The New Daily, 25 March 2015:
More than 40 per cent of Australian secondary children now attend private schools – either so-called independent or religious schools. Australia has one of the most privatised school systems in the OECD….
New figures from the Productivity Commission show that government funding increases between 2008-09 and 2012-13 massively favoured private schools over public schools.
Funding for private schools in Victoria, for example, increased by 18.5 per cent per student, or eight times that of public schools.
Across Australia, the dollar increase for private schools was nearly five times that for public schools. The average increase for private schools was A$1,181 per student compared to only A$247 for public schools.
Other research indicates clearly that the equity gap between our school systems has continued to grow since the Gonski review in 2011.
Each private school pupil now receives, on average, a non-means-tested public subsidy of over A$8000 per year at the expense of the less privileged public school student.
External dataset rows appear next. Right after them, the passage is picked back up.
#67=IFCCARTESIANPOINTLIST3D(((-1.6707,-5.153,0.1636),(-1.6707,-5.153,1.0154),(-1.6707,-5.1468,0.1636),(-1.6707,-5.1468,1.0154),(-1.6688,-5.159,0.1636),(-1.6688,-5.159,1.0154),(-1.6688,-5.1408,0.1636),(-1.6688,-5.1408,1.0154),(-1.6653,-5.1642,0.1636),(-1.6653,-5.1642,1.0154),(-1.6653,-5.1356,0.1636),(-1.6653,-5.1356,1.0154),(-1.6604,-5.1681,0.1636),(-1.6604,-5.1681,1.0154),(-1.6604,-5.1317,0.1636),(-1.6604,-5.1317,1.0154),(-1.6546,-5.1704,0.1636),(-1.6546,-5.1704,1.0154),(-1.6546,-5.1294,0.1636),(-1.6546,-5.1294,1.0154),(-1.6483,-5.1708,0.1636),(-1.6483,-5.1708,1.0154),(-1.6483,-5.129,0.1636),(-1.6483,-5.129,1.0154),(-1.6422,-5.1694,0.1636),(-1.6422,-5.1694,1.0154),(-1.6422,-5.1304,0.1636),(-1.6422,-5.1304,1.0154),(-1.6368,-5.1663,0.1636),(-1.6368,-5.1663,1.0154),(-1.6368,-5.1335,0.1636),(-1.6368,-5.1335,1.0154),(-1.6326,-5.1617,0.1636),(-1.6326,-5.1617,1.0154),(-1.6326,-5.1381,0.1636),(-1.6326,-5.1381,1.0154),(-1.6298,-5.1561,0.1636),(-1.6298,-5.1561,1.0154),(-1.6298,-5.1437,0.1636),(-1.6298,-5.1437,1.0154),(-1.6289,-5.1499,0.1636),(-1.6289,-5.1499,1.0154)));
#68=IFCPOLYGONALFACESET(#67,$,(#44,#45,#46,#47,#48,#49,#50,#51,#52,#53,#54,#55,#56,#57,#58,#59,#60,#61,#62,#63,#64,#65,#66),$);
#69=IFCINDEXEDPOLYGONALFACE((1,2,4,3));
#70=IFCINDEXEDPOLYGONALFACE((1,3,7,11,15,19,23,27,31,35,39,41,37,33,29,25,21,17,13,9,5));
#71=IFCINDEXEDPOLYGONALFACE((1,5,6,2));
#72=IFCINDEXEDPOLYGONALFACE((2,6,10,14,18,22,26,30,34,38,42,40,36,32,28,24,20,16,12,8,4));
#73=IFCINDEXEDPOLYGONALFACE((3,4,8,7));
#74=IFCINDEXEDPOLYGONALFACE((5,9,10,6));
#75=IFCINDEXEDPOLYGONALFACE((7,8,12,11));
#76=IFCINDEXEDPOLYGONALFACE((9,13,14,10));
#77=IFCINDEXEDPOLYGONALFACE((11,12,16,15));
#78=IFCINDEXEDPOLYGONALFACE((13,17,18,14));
So much for the end of the age of entitlement.
In addition, pupils with disabilities in public schools receive A$12,000 of extra support while those in private schools get over A$30,000.
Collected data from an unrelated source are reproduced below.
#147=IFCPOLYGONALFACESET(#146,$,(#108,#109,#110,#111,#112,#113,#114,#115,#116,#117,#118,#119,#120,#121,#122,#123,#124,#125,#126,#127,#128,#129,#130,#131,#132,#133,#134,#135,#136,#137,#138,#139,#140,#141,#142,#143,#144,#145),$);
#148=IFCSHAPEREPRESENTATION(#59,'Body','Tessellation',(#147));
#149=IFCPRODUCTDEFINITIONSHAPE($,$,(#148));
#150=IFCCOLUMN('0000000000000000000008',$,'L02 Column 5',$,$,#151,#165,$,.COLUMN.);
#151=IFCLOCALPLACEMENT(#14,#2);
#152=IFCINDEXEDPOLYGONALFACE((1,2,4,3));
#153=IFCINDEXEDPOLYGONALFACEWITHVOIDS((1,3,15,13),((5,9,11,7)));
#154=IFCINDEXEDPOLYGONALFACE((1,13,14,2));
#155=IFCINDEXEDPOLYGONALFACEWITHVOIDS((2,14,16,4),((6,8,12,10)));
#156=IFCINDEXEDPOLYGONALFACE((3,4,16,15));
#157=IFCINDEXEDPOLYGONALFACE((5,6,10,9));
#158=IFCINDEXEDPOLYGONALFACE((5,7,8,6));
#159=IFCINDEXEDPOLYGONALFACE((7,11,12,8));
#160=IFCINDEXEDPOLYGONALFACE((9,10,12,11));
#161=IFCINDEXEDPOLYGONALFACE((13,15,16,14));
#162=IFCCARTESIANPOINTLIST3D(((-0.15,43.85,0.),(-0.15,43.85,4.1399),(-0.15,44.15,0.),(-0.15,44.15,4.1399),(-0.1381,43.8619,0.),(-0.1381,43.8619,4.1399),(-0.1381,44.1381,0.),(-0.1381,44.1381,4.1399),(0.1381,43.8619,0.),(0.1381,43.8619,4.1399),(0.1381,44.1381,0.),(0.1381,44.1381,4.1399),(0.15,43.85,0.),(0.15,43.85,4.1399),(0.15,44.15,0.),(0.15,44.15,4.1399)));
The Conversation, 24 April 2015:
PISA results from 2012 show that independent schools do better than Catholic schools, which in turn do better than government schools. However, when school-level socioeconomic background is taken into account, the differences in performance across school sectors are not significant.
A recent study by researchers at UQ, Curtin and USQ has allowed the simmering educational debate to come to the boil again. Drawing on data from the Longitudinal Study of Australian Children, it finds that sending children to Catholic or other independent primary schools has no significant effect on cognitive or non-cognitive outcomes.
What is interesting is that researchers aligned this study with evidence from the US and UK and were able to draw the same conclusions. That is, for students attending non-government schools the returns are no different to public schools.
The Australian, 6 July 2015:
Taxpayer funding for private schools has grown twice as fast as for government schools, official data reveals.
Australian Curriculum, Assessment and Reporting Authority statistics show that federal, state and territory government funding for independent and Catholic schools grew by 23 per cent, on a per-student basis, between 2009 and 2013.
Taxpayer funding to government schools grew by just 12.5 per cent over the same period.
Taxpayers contributed $11,864 for each student in government schools, $9547 for those in Catholic schools and $7790 for other private school students in 2013.
Private school fees and donations boosted the total net recurrent income per student to $12,548 per government school student, $12,177 per Catholic student and $16,601 per private student, on average, in 2013.
The Conversation, 9 July 2015:
The Advertiser,11 November 2015:
ELITE Adelaide private school Prince Alfred College has been found liable for the sexual abuse of one of its students by a boarding master in the 1960s.
The Sydney Morning Herald, 6 January 2016:
A Sydney private school has been accused of underpaying its employees by the Independent Education Union.
Reddam House, headquartered in Sydney's eastern suburbs, faced the Fair Work Commission in December over allegations that it had not paid some of its early learning staff overtime, penalties or provided them with pay slips.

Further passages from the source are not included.